Thai actor (born 1992)

Pruk Panich (พฤกษ์ พานิช, born 10 September 1992), nicknamed Zee (ซี), is a Thai actor.

== Early life and education ==
Panich grew up in Chiang Rai with his two older sisters. After graduating from high school in his hometown, he moved to Bangkok, where he majored in Advertising from the Faculty of Communication Arts of Bangkok University. As a child, he loved traveling and wanted to be a flight attendant or an actor, while in high school he started reading a lot of magazines and dreamed of becoming a model.

== Career ==
Panich entered the entertainment industry through his friend Max Kornthas Rujeerattanavorapan as one of the hosts of the travel program Domundi on YouTube. Later, in December 2018, he starred in the movie Sugar Café. In 2019 he was cast in the main role of Fighter in the TV series Why R U?, which aired the following year. Thanks to Why R U?, he rose to fame, winning the Rising Actor of the Year Award at Kazz Awards in 2021.

In 2022 he was coupled with Chawarin Perdpiriyawong (NuNew) in Cutie Pie, playing businessman Lian Kilen Wang: the success of the BL romance series shot him to stardom overnight, both in Thailand and abroad, and Howe Magazine included him in the list of the 50 most influential people of the year. Between 2022 and 2023, Panich was nominated for several awards for his performance in Cutie Pie, and won Y Actor of the Year at Feed Y Capital Awards, Best Actor of the Year at Kazz Awards, Actor of the Year at Sudsapda Y Awards, Youth Favorite Actor at Thailand Master Youth, and Best Lead Actor at YUniverse Awards. He reprised his role in 2023 both in the sequel Cutie Pie 2 You and the spin-off Naughty Babe. In the meantime, Panich starred in the movie After Sundown, and the TV series One Night Stand and Spice and Spell.

On 1 September 2022, he launched the sweet snack brand ZeeFruit, and on August 8, 2023, his first clothing brand, Super Sun.

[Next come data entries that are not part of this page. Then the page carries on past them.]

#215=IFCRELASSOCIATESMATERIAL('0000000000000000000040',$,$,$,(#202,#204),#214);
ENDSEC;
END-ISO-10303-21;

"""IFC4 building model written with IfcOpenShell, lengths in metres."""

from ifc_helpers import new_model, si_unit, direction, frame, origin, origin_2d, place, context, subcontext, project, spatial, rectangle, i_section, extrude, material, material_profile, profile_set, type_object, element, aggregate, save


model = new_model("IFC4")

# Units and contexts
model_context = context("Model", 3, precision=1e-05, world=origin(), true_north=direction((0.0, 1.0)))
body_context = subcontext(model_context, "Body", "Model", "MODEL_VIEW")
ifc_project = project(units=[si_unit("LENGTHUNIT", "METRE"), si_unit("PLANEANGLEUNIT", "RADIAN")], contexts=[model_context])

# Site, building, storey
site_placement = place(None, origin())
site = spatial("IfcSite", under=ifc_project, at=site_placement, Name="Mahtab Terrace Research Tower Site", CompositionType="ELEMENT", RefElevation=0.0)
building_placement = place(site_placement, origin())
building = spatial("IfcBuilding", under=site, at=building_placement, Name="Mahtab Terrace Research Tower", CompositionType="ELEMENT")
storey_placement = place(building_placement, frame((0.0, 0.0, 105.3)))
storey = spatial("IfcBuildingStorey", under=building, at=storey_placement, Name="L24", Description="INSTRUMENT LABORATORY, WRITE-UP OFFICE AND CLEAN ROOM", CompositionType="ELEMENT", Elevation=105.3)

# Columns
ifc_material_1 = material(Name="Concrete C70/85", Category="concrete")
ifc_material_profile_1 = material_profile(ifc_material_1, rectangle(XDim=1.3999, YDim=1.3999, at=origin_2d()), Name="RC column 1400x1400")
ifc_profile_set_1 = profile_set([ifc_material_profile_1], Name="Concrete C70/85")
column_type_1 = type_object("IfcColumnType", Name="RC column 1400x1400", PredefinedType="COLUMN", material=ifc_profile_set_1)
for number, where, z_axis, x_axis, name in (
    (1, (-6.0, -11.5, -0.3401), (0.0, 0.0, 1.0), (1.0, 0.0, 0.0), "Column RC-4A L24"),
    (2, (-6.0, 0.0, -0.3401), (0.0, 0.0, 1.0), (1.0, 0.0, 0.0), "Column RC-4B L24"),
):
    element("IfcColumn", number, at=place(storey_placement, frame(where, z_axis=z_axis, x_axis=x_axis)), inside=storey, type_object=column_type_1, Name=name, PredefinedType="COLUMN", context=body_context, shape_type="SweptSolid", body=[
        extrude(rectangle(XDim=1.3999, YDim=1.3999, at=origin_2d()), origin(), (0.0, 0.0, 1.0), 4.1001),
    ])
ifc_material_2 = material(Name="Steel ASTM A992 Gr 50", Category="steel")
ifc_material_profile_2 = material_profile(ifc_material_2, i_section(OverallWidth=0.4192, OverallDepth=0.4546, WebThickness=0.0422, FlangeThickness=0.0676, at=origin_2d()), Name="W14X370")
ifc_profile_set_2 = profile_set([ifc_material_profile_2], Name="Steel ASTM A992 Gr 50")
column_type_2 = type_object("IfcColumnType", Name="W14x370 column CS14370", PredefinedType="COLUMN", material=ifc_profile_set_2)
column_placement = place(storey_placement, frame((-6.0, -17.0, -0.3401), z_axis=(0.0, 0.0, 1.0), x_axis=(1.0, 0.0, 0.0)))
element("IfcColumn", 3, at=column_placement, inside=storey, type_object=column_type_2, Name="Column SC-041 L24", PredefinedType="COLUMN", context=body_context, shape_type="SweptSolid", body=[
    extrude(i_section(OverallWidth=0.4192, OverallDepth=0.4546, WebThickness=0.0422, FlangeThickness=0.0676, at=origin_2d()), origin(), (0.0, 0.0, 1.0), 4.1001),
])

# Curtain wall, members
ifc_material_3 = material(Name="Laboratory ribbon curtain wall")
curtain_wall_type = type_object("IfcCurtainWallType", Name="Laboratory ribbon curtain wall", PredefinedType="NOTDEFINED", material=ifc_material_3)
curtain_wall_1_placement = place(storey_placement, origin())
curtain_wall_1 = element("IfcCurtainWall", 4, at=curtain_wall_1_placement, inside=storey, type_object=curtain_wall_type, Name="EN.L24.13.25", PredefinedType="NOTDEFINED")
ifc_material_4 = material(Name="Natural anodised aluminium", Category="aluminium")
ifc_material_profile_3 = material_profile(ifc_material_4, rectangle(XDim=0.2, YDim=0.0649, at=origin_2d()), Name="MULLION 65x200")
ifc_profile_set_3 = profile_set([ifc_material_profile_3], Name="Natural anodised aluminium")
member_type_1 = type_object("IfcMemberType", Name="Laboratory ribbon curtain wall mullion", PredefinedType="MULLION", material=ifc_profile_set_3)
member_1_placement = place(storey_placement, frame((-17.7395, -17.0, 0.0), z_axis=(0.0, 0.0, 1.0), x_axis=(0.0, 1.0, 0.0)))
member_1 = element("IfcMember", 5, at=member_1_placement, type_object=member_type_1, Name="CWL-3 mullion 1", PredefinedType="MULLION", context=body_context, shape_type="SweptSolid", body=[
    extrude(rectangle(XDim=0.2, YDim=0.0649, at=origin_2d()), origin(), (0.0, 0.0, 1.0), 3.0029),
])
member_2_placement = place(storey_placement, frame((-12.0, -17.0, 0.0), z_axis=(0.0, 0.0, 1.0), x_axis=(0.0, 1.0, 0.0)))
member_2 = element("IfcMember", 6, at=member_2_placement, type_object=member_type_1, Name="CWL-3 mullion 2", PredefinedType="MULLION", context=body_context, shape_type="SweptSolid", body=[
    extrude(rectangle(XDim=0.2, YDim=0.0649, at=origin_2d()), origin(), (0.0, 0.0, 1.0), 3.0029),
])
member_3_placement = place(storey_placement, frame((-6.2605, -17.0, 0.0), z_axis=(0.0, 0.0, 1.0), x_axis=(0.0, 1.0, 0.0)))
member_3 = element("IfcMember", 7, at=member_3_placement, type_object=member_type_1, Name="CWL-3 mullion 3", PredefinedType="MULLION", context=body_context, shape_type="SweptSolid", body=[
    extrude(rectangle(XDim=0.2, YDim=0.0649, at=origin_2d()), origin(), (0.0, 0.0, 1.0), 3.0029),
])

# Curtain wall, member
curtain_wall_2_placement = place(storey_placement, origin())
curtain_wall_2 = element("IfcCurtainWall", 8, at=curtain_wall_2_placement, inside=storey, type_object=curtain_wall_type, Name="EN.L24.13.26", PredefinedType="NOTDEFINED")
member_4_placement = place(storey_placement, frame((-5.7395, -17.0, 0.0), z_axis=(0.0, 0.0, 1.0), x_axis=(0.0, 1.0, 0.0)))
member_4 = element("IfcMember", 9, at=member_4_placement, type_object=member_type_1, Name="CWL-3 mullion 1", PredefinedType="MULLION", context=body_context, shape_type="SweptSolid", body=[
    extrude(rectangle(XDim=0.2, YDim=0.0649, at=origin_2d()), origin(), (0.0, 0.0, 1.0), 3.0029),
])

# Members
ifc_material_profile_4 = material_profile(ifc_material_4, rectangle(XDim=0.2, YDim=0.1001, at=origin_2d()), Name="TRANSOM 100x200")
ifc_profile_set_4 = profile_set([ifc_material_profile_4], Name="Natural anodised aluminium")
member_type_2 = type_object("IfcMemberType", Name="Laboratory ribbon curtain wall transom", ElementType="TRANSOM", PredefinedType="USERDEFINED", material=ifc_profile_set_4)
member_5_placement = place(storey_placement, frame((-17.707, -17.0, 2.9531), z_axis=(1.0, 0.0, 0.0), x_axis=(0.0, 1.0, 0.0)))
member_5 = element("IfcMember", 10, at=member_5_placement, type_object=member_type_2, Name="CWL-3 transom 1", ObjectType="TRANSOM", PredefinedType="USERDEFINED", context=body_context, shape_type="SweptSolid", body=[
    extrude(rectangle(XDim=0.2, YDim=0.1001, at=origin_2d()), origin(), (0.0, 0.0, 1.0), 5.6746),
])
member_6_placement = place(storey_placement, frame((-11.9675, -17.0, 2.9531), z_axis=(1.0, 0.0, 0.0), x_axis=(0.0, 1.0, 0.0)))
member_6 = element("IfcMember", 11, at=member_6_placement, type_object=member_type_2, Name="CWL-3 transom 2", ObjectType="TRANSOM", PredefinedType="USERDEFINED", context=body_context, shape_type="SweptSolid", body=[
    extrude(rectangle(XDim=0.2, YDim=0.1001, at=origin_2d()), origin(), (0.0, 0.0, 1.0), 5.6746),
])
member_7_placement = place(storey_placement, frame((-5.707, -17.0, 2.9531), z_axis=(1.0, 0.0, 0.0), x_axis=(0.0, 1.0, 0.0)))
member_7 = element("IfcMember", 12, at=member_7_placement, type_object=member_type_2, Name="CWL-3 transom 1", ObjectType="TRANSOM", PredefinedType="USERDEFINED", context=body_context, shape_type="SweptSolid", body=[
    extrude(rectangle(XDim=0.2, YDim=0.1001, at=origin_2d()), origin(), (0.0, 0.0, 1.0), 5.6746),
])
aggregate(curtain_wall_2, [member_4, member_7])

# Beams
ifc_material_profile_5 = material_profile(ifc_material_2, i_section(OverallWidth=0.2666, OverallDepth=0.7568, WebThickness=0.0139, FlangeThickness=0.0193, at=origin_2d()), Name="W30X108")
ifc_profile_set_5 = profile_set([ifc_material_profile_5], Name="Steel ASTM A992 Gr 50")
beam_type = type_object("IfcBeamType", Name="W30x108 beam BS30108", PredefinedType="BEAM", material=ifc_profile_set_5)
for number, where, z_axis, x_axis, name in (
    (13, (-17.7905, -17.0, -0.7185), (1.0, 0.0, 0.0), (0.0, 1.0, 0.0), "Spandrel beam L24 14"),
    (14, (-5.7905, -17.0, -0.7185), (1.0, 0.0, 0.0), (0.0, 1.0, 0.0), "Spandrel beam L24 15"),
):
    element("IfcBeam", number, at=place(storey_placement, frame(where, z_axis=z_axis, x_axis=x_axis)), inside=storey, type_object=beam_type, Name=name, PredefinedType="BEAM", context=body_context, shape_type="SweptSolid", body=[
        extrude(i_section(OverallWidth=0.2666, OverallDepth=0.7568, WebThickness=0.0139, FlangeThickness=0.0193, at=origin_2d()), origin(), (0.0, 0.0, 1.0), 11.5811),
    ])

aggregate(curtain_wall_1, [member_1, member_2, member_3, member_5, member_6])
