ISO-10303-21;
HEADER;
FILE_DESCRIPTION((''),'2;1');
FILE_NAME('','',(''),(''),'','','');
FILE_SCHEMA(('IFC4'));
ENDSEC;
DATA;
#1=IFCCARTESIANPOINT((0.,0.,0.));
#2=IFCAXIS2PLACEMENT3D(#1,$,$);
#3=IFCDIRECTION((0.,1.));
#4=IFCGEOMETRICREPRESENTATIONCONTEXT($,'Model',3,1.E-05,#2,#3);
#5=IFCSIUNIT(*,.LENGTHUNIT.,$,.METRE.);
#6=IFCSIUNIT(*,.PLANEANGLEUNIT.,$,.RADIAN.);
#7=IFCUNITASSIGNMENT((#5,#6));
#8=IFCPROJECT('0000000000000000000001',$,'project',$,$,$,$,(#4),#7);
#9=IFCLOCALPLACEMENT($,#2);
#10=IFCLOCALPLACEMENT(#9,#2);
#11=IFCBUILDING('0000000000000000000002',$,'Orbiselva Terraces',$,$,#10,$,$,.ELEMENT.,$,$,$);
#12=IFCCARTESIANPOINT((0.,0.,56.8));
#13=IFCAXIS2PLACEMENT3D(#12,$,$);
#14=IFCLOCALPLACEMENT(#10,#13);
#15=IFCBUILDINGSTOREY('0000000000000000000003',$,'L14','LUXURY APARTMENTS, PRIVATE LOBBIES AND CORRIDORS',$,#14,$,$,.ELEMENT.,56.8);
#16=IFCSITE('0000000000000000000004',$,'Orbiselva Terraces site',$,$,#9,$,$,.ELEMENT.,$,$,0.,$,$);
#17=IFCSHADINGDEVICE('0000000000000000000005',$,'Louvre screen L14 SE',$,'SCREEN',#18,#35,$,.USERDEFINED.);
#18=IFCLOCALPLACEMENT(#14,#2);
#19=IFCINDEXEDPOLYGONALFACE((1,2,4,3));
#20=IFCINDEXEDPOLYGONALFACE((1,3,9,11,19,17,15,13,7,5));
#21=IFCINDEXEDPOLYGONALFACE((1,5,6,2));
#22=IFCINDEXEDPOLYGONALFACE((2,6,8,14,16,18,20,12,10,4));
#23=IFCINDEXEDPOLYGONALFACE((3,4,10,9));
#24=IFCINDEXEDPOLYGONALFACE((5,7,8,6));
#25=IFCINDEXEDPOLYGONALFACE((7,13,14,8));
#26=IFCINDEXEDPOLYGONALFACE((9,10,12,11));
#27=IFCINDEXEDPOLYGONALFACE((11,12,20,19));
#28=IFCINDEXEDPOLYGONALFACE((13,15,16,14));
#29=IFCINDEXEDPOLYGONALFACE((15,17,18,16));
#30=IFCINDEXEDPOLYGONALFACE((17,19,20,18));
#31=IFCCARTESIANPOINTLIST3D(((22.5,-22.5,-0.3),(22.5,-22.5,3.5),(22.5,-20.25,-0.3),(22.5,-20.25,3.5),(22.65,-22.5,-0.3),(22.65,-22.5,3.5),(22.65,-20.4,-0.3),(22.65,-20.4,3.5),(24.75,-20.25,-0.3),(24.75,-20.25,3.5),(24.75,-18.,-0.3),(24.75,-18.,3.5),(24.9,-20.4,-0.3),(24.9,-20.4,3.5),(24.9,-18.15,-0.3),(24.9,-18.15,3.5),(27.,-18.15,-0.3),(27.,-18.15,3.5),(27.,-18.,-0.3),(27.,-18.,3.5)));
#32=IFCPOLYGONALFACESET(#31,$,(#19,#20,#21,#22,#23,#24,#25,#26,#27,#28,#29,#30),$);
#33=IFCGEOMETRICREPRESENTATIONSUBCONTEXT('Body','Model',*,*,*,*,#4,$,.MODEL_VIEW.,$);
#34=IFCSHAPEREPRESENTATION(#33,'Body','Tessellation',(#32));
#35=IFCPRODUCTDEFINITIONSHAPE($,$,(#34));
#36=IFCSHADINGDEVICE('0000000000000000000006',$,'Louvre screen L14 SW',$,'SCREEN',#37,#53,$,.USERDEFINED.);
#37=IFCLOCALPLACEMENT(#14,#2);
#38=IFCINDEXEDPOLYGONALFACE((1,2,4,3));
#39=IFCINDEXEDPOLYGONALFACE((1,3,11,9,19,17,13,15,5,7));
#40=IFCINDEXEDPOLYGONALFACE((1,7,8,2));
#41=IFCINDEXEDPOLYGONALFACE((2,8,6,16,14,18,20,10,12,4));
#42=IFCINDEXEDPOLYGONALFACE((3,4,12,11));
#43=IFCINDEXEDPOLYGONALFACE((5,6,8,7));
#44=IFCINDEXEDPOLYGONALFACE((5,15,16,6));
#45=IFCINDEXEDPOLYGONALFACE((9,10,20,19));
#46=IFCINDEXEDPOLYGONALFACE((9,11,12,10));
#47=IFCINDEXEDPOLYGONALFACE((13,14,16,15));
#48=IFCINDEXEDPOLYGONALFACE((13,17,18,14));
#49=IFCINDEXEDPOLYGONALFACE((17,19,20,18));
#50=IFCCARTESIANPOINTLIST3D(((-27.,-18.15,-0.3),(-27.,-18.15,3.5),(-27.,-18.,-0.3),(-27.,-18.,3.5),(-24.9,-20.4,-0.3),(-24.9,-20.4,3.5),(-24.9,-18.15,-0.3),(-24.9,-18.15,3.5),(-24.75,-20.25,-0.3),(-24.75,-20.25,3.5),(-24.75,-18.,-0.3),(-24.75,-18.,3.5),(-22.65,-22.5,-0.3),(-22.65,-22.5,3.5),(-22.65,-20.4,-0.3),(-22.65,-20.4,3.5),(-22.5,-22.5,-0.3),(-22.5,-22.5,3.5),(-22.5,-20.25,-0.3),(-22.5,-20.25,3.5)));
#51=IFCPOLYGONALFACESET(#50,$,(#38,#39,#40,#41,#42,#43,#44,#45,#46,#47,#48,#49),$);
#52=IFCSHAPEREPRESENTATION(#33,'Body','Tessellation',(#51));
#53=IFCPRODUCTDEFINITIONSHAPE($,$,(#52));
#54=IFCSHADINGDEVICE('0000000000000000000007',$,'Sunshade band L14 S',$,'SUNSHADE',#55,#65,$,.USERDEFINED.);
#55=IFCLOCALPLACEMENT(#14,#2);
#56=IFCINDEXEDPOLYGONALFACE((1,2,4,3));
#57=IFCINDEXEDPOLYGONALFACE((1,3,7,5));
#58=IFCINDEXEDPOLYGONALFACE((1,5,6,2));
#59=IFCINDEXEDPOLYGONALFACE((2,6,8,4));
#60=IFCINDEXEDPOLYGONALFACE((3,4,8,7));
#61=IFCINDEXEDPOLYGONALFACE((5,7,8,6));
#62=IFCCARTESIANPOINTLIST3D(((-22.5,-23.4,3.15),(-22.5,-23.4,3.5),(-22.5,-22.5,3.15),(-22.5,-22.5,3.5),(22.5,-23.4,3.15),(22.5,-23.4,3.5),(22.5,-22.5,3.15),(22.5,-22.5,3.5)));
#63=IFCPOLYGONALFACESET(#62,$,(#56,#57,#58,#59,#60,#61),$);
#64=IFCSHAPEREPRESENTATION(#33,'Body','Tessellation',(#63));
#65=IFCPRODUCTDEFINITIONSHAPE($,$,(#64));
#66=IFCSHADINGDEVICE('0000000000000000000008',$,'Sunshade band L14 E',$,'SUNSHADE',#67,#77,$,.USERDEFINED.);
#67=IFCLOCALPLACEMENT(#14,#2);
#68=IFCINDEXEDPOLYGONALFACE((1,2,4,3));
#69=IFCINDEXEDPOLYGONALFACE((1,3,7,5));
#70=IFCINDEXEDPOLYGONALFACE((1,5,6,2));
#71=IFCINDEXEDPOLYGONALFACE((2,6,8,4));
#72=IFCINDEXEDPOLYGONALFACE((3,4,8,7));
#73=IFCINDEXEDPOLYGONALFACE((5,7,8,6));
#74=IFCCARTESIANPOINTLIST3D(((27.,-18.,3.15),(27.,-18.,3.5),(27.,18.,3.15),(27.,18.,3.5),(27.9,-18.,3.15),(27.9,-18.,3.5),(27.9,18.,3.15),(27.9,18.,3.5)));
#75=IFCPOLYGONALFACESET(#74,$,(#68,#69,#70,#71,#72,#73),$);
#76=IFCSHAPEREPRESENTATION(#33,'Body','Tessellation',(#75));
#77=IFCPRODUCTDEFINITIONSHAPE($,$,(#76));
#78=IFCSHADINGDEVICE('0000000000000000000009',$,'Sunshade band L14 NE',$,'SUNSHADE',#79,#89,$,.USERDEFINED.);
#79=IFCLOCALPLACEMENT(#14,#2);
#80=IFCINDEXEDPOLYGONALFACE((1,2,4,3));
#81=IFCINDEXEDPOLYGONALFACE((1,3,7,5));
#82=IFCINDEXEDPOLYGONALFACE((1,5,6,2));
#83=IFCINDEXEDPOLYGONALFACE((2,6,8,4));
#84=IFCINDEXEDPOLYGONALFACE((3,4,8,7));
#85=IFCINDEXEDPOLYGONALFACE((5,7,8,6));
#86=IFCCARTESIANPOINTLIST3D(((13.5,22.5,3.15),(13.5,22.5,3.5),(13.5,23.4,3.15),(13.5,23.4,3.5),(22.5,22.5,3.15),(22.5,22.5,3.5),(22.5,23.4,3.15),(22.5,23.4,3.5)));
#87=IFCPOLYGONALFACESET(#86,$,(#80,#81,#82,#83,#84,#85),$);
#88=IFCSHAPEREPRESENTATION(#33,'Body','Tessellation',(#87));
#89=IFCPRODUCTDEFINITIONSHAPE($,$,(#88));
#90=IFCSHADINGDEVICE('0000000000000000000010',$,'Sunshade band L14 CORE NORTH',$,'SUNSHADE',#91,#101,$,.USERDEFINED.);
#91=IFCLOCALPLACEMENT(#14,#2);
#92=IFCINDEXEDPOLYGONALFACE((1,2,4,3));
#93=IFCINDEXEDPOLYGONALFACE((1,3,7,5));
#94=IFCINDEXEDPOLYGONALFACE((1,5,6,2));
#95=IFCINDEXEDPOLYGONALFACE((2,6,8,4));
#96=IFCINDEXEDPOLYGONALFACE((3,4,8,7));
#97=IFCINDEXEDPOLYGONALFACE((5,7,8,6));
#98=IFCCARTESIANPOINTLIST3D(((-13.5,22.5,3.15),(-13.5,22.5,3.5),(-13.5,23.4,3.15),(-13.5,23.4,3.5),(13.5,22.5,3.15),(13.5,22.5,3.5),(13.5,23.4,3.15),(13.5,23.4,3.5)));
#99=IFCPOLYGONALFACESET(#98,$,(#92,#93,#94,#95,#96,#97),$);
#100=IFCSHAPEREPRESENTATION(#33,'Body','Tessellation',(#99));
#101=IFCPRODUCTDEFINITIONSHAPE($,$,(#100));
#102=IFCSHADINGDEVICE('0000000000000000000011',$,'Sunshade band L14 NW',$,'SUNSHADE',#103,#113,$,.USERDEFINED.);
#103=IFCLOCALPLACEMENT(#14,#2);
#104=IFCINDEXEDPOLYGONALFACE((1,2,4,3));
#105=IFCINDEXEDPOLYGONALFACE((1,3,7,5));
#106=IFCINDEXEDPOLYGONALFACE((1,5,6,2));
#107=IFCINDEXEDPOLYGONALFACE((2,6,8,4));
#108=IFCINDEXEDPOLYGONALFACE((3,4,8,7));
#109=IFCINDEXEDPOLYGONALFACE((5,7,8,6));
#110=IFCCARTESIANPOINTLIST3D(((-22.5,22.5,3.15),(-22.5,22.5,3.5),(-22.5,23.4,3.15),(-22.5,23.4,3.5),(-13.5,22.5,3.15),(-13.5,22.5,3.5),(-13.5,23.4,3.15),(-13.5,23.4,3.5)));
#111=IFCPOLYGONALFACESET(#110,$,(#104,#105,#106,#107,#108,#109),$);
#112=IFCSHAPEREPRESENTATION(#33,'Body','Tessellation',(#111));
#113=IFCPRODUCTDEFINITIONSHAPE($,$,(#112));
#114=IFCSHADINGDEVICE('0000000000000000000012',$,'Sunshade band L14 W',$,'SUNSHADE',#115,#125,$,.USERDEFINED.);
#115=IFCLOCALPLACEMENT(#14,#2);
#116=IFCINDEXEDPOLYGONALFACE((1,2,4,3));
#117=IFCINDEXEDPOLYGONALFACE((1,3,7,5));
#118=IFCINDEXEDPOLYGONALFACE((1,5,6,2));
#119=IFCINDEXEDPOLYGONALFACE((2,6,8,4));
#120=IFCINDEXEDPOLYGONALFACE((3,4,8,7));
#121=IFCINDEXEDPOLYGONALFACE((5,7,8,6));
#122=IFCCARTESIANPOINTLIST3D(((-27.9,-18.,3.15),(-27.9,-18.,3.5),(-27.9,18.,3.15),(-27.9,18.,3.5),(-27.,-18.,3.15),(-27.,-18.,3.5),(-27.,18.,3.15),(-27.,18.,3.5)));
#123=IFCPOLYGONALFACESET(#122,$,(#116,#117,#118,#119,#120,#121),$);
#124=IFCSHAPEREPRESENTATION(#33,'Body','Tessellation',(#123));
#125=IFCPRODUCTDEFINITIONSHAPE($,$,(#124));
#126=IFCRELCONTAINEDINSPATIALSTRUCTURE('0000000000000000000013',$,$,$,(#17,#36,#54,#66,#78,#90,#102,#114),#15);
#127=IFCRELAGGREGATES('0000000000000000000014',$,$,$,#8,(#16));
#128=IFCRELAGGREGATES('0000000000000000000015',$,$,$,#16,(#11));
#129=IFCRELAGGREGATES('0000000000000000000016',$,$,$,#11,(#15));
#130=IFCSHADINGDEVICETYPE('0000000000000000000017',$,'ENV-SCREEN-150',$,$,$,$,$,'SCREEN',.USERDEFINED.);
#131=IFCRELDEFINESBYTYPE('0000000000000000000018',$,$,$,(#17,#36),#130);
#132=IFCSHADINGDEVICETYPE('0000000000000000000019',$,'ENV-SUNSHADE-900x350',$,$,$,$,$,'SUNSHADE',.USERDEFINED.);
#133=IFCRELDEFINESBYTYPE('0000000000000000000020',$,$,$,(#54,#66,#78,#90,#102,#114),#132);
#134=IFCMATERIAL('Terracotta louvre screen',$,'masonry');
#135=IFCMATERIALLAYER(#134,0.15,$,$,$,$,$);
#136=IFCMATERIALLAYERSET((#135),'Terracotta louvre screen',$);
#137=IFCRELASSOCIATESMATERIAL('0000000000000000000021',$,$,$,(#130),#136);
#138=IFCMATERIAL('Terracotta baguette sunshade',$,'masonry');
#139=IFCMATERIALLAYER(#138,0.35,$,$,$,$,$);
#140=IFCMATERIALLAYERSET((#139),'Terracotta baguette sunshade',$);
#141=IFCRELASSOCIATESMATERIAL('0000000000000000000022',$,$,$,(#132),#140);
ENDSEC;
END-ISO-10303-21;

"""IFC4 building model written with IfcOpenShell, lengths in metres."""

from ifc_helpers import new_model, si_unit, direction, frame, origin, place, context, subcontext, project, spatial, polyline, outline, extrude, material, layer, layer_set, type_object, element, save


model = new_model("IFC4")

# Units and contexts
model_context = context("Model", 3, precision=1e-05, world=origin(), true_north=direction((0.0, 1.0)))
body_context = subcontext(model_context, "Body", "Model", "MODEL_VIEW")
ifc_project = project(units=[si_unit("LENGTHUNIT", "METRE"), si_unit("PLANEANGLEUNIT", "RADIAN")], contexts=[model_context])

# Site, building, storey
site_placement = place(None, origin())
site = spatial("IfcSite", under=ifc_project, at=site_placement, Name="Orbiselva Terraces site", CompositionType="ELEMENT", RefElevation=0.0)
building_placement = place(site_placement, origin())
building = spatial("IfcBuilding", under=site, at=building_placement, Name="Orbiselva Terraces", CompositionType="ELEMENT")
storey_placement = place(building_placement, frame((0.0, 0.0, 56.8)))
storey = spatial("IfcBuildingStorey", under=building, at=storey_placement, Name="L14", Description="LUXURY APARTMENTS, PRIVATE LOBBIES AND CORRIDORS", CompositionType="ELEMENT", Elevation=56.8)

In 2025, he portrayed royal guard Charan in The Next Prince.

== Filmography ==
=== Film ===

| Year | Title | Role | Notes | Ref. |
|---|---|---|---|---|
| 2018 | Sugar Café | Popeye | Supporting role |  |
| 2023 | After Sundown | "Phloeng" Phraphloeng Sitthikornkan | Main role |  |

=== Television series ===

Year: Title; Role; Network; Notes; Ref.
2018: Friend Zone; Captain; One 31; Guest role (Ep. 6–7)
2020: Why R U?; Fighter; Line TV; Main role
You Never Eat Alone: Mix; AIS Play
2021: My Mischievous Fiancée; Atsawin "Win"; Channel 3; Guest role
2022: Cheating Spouse; Jaegun; Amarin TV; Supporting role
Cutie Pie: Lian Kilen Wang; Workpoint TV; Main role
Remember 15: Bew; Viu
Club Friday the Series 13: Love & Belief: Leng; One 31
2023: Cutie Pie 2 You; Lian Kilen Wang; Mandee Channel
One Night Stand: Toy; One 31
Naughty Babe: Lian Kilen Wang; One 31, IQIYI; Supporting role
Spice and Spell: Thos; TrueID; Main role
2025: The Next Prince; Charan; One 31, iQIYI
Zomvivor: San; Netflix
2026: Mr. Fanboy; Thee; One 31, iQIYI; Supporting role
The D Dorm Sitcom: Dollar; One 31; Main role

== Discography ==
=== Singles ===

Title: Year; Album
As lead artist
"Nobody" (คนหนึ่งคน): 2022; Non-album singles
"Super Secret": 2024
"Breaking Heart Station" (สถานีอกหัก): 2025
Collaborations
"Blank" (เว้นเอาไว้) (with Pete Pol): 2021; Non-album singles
"Anytime, Anywhere" (ทุกที่ทุกเวลา) (with Tommy Sittichok and Nat Natasit)
"Tidtidid" (ติดเธอ) (with NuNew): 2023
"Love Feed" (รักเธอเต็มฟีด) (with DMD Boys): 2024
"So Bright Baby" (ปิ๊งไปป่ะ) (with NuNew)
"Heartquake" (with NuNew): 2025
Soundtrack appearances
"You Never Eat Alone" (คนเดียวไม่ได้) (with Peemapol Panichtamrong, Kritsanaphong Sripattiyanon and Nathaphon Buasee): 2020; You Never Eat Alone OST
"Unique" (ไม่เหมือนใคร) (with Peemapol Panichtamrong): 2021
"Chocolate" (with Kacha Nontanun, Tommy Sittichok, Talay, Marksiwat and Boun Noppanut): 2022; Be My Boyfriends 2 OST
"Always You" (ไม่เคยไม่รัก): Cutie Pie OST
"Love" (ใจรัก)
"Overtime" (with Kacha Nontanun and Tommy Sittichok): Be My Boyfriends 2 OST
"IWBYBF" (with Kacha Nontanun, Tommy Sittichok, Talay, Marksiwat and Boun Noppanut)
"Baby Boo" (ที่รักที่รัก) (with NuNew): Cutie Pie OST
"Love is Love" (รักก็รักดิ) (with NuNew): 2023; Cutie Pie 2 You OST
"It's You" (คือเธอ) (with NuNew)
"Destiny" (แสงรวี) (with NuNew): After Sundown OST
"This One is So Lovely" (คนนี้น่ารักจัง): Spice and Spell OST
"Continue" (ไปต่อ): 2024; To Be Continued OST
"Our Night": 2025; The Next Prince OST
"The Sky Beside You" (ฟ้าที่เคียงเธอ) (with NuNew)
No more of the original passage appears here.